И вдруг вся эта компания, которая имела сумасшедший успех, заслуженный, поэтов, в течение нескольких вечеров, видят, что выходят три мальчика и имеют не меньший успех. В зале такой хохот стоял, так нас принимали, как в лучшие годы потом Жванецкого. Они обалдели. Жили мы в гостинице «Астория», между прочим, все, отдельные номера, дикие деньги зарабатывали для журнала «Юность», нам ничего не платили, мы ездили за еду, мы ничего не получали. Но выступали от имени журнала: творческий вечер журнала «Юность», полные аншлаги были.

«Марк, что-то с тобой Слуцкий хочет поговорить», - ко мне в ресторане «Астории» подходит Булат и говорит: «Слуцкий хочет с тобой поговорить». А я со Слуцким незнаком, Слуцкий фронтовик, поэт, политрук, эти были почти моего возраста, но все-таки здесь было общение и они все были в журнале «Юность». А Слуцкий был и в журнале «Юность» и еще где-то, Эренбург его открыл, вы все это знаете.

Лошади умеют плавать, но – нехорошо. Недалеко, -

он все эти вещи читал, тоже колоссальный успех.

Я говорю: «Давайте, а как? Я могу подойти?» - «Да». - «А где он?» - «Вон там сидит». Я подсаживаюсь: «Здравствуйте»- «Здравствуйте». Я говорю: «Вы что-то мне хотели сказать, Борис Абрамович?» - «Да, да. Я хочу задать вам вопрос. Вы вообще готовы?» - Я говорю: «К чему?», я не понял действительно. Он так смотрит и говорит: «Я вас слушал вчера и позавчера. Я очень внимательно вас слушал. Я хочу спросить вас», и таким строгим голосом, партийным: «Вы вообще готовы? Неужели вы не понимаете? К тому, что вас могут арестовать? Я вас слушал, что вы читаете, вы должны быть готовы, Марк.  Это я вам говорю как человек знающий». Войну прошел.

Честно вам скажу, я просто обалдел. Я говорю: «Ну, я не очень готов. Я почему вы так думаете? Что это так?» - «Нет, я за вами слежу, я понял куда вы гнете. Вы должны быть готовы, понимаете, это я вам говорю, как старший товарищ».

Он менторствовал, изрекал, но он с такой душой. Он фронтовик, потрясающий мужик.

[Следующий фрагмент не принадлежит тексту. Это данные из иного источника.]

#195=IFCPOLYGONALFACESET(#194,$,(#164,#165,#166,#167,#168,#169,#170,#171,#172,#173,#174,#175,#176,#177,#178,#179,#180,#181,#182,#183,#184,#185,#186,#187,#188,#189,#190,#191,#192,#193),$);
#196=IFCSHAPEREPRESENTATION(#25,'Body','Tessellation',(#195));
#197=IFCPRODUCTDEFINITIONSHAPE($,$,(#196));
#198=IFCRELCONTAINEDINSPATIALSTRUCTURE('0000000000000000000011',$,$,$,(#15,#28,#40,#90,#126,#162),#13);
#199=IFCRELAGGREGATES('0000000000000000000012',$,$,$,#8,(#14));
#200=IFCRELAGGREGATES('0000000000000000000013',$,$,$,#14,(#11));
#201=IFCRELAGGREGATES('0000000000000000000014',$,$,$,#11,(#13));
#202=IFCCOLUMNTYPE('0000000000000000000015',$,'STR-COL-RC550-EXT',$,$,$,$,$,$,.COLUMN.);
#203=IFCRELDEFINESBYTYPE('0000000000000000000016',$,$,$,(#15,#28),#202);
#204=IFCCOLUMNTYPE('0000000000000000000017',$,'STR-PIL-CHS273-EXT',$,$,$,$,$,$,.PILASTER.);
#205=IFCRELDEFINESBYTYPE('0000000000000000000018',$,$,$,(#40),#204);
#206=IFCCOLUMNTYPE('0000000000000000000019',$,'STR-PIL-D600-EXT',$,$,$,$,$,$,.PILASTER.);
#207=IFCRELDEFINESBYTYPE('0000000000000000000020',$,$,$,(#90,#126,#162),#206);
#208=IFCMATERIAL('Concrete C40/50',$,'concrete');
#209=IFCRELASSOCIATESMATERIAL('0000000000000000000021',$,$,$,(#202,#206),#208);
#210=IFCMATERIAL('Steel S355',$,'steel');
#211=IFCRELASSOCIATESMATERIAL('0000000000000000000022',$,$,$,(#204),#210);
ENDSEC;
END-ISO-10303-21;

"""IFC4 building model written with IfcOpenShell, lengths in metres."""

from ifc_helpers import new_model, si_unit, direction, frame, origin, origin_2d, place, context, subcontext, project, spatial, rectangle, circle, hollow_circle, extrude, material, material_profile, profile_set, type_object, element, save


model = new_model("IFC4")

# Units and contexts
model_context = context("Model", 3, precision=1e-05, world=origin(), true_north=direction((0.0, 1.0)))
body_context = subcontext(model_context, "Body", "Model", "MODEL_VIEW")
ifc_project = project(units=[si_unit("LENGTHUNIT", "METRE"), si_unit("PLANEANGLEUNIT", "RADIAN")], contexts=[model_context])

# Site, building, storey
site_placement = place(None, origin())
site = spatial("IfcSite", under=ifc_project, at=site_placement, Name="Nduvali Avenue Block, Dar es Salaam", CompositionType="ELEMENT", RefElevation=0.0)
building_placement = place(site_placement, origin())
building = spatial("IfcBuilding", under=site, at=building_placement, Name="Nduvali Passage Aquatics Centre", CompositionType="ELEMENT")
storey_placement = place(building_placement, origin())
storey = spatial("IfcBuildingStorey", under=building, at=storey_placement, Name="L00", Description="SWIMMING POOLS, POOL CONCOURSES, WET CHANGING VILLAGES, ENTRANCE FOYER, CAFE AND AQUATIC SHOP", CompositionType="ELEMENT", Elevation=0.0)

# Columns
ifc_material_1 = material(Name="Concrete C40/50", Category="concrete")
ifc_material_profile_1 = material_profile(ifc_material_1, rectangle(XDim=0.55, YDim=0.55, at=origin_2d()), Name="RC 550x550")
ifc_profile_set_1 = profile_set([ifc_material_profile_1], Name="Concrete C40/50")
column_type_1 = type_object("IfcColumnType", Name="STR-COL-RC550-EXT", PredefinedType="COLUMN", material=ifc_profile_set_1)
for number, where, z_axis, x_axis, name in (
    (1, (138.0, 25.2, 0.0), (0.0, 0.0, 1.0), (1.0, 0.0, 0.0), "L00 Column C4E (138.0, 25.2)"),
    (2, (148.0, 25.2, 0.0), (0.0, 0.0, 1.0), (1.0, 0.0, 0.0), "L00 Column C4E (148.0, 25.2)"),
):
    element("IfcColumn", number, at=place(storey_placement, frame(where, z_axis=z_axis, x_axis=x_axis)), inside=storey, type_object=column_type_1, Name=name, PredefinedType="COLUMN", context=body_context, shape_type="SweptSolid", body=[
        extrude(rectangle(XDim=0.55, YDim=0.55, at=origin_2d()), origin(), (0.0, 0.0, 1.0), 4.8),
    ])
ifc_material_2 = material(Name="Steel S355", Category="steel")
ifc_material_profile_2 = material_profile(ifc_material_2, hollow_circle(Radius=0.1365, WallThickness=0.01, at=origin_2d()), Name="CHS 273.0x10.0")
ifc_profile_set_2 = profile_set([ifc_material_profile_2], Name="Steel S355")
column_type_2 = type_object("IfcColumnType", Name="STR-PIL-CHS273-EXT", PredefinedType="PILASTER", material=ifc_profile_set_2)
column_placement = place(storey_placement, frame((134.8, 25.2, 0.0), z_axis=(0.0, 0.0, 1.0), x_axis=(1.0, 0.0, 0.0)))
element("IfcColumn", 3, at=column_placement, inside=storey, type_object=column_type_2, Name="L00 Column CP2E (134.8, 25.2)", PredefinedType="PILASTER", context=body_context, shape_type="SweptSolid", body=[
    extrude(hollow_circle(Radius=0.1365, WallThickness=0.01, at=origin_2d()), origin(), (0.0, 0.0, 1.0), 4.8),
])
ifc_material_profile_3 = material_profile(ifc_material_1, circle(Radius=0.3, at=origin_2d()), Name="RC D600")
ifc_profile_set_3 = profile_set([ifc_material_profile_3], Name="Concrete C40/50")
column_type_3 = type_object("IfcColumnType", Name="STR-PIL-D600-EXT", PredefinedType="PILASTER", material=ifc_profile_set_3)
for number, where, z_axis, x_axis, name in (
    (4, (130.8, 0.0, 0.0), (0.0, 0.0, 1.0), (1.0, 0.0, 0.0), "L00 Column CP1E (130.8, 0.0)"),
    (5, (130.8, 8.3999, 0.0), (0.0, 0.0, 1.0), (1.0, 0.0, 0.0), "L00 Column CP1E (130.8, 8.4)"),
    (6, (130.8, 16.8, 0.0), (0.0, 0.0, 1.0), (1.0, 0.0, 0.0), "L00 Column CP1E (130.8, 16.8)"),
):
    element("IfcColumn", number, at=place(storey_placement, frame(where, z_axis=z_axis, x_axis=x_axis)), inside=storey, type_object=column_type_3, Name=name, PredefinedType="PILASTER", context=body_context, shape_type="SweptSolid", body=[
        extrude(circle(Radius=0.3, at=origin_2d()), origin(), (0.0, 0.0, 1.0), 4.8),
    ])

Борис Абрамович Слуцкий - фантастической искренности человек, прямоты, вы знаете его. Стихи его, его зонговая форма поведения. Вот он вызвал меня на задушевный разговор. Я говорю: «Да, спасибо, спасибо», - что-то пробормотал. «Желаю успеха» и мы разошлись.

Он со мной провел задушевную беседу. Смысл был такой, что вы вышли на такой путь, и я вас слышал и вас ждет кое-что из того…

Я, кстати вспоминал этот его завет, потому что был участником альманаха «Метрополь».  Слуцкий мне накаркал, я был в черных списках годами.

Но, конечно, поэты, которые выступали рядом с нами, в том числе и Слуцкий, были зрелыми людьми, их успех абсолютно заслуженный, мы были просто рядышком, потому что в журнале есть уголок «Юмор и сатира», который мы представляли. Но они ахнули от того приема, который мы получали, читая. Я помню их удивление.

Еще мне запомнилось, что после этой встречи, когда мы ехали в Москву, ехали в вагоне, [другая] совершенно фантастическая была: в нашем вагоне ехал в Москву Аркадий Райкин. А здесь Белла… Ну тогда, что такое ехать из Ленинграда в Москву?.. Это значит, у каждого бутылка; разливали, все пьющие, мы уже закончили [институт?]. И... О, Аркадий Исакович! Все собрались у него в купе, и Белла, я тогда впервые услышал в исполнении Беллы Ахмадулиной поэму «Дождь». Это было гениально. Это одно из моих фантастических впечатлений от Беллы. Нас было 5 или 7 человек, все сидели выпившие, и самое главное, все это делалось для Аркадия Исаковича, не для меня, но она тогда прочитала, и Аркадий Исакович, эстрадник, ничего общего, что говорится, с такой литературой не имевшей, он был в потрясении сильнейшем, и мы все были Беллой потрясены. Белла — это чудо природы, это планета, которая рядом с нами. Вот такая любовь была, самая искренняя. Таких случаев было много. Каждый раз была какая-то история, связанная с каким-то выступлением.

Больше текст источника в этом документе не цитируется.